小脑功能障碍导致姿势不稳定。最近对自由活动的啮齿类动物的研究改变了小脑对姿势贡献的研究。然而,陆地运动和啮齿动物小脑的复杂性促使人们开发出新的方法来干扰更简单脊椎动物的小脑功能。在这里,我们使用了一种强大的化学遗传学工具(TRPV1/辣椒素)来定义浦肯野细胞——小脑皮层的输出神经元——在幼年斑马鱼自由深入游泳时的作用。我们实现了浦肯野细胞的双向控制(激活和消融),同时对姿势和运动进行了定量高通量评估。激活扰乱了俯仰(上鼻/下鼻)轴的姿势控制。同样,消融破坏了俯仰轴姿势和鳍体协调,导致爬升。姿势破坏在年龄较大的幼虫中更为明显,这为发育中的小脑在控制姿势方面发挥紧急作用提供了一个窗口。最后,我们发现浦肯野细胞的活动可以单独和集体编码倾斜方向,这是姿势控制神经元的一个关键特征。我们的研究结果描绘了小脑在斑马鱼幼体的姿势控制和前庭感觉中的预期作用,确立了TRPV1/辣椒素介导的扰动在一种简单的、遗传上易于处理的脊椎动物中的有效性。此外,通过比较浦肯野细胞消融对姿势的时间贡献,我们发现了小脑在早期发育过程中对姿势的控制。这项工作朝着理解小脑在调节姿势成熟中的祖先作用迈出了重要一步。
本文章由计算机程序翻译,如有差异,请以英文原文为准。

Cerebellar Purkinje Cells Control Posture in Larval Zebrafish ( <i>Danio rerio</i> ).

Cerebellar Purkinje Cells Control Posture in Larval Zebrafish ( <i>Danio rerio</i> ).

Cerebellar Purkinje Cells Control Posture in Larval Zebrafish ( <i>Danio rerio</i> ).

Cerebellar Purkinje Cells Control Posture in Larval Zebrafish ( Danio rerio ).

Cerebellar dysfunction leads to postural instability. Recent work in freely moving rodents has transformed investigations of cerebellar contributions to posture.
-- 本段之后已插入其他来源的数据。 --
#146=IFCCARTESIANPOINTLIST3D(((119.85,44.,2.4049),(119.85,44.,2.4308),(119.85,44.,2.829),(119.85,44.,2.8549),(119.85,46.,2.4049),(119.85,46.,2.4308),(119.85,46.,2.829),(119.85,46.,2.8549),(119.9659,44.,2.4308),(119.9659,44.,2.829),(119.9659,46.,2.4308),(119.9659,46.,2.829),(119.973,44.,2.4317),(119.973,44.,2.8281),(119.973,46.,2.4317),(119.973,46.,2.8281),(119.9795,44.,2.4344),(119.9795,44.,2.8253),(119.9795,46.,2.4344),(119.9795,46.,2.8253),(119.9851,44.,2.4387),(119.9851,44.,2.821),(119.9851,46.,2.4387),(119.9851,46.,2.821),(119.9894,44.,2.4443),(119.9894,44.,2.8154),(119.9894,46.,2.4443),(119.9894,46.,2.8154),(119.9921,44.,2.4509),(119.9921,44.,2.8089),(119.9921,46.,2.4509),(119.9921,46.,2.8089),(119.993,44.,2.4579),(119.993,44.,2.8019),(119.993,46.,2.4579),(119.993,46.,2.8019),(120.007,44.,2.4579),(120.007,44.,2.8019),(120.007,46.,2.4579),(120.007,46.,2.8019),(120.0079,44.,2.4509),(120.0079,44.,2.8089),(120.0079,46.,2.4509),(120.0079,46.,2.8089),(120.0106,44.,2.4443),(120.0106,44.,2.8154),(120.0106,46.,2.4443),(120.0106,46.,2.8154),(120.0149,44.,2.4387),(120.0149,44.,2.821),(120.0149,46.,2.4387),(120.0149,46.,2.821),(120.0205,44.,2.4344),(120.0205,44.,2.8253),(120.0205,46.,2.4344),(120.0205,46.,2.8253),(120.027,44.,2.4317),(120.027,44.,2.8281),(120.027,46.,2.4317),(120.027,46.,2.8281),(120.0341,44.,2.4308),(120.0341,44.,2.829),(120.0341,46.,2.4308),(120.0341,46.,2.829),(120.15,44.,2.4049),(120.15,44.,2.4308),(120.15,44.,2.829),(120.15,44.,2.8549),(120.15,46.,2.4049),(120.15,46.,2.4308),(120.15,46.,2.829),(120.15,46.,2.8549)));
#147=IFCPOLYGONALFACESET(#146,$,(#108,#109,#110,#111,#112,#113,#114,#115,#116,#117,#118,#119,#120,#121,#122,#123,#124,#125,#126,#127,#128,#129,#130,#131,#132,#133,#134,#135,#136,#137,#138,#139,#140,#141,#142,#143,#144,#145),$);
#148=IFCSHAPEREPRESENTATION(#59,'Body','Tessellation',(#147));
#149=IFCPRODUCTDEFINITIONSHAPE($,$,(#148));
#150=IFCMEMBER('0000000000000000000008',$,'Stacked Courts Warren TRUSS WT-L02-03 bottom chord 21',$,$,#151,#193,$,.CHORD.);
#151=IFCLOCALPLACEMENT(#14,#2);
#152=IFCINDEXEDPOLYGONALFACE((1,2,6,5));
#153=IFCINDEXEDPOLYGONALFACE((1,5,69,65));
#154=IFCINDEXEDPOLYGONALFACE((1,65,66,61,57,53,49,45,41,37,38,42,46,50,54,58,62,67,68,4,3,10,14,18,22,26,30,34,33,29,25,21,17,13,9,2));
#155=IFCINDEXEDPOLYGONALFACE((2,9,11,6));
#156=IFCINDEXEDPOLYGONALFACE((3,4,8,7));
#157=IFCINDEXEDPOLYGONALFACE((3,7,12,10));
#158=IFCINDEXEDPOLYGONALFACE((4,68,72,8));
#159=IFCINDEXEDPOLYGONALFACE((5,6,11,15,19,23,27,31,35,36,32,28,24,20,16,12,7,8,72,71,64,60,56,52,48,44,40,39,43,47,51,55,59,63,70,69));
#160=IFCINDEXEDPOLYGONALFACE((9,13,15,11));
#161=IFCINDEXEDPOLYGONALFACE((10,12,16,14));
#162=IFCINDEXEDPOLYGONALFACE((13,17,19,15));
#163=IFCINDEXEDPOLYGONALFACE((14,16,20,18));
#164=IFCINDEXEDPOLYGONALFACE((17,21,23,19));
However, the combined complexity of terrestrial locomotion and the rodent cerebellum motivate new approaches to perturb cerebellar function in simpler vertebrates. Here, we adapted a validated chemogenetic tool (TRPV1/capsaicin) to describe the role of Purkinje cells - the output neurons of the cerebellar cortex - as larval zebrafish swam freely in depth. We achieved both bidirectional control (activation and ablation) of Purkinje cells while performing quantitative high-throughput assessment of posture and locomotion. Activation modified postural control in the pitch (nose-up/nose-down) axis. Similarly, ablations disrupted pitch-axis posture and fin-body coordination responsible for climbs. Postural disruption was more widespread in older larvae, offering a window into emergent roles for the developing cerebellum in the control of posture. Finally, we found that activity in Purkinje cells could individually and collectively encode tilt direction, a key feature of postural control neurons. Our findings delineate an expected role for the cerebellum in postural control and vestibular sensation in larval zebrafish, establishing the validity of TRPV1/capsaicin-mediated perturbations in a simple, genetically-tractable vertebrate. Moreover, by comparing the contributions of Purkinje cell ablations to posture in time, we uncover signatures of emerging cerebellar control of posture across early development. This work takes a major step towards understanding an ancestral role of the cerebellum in regulating postural maturation.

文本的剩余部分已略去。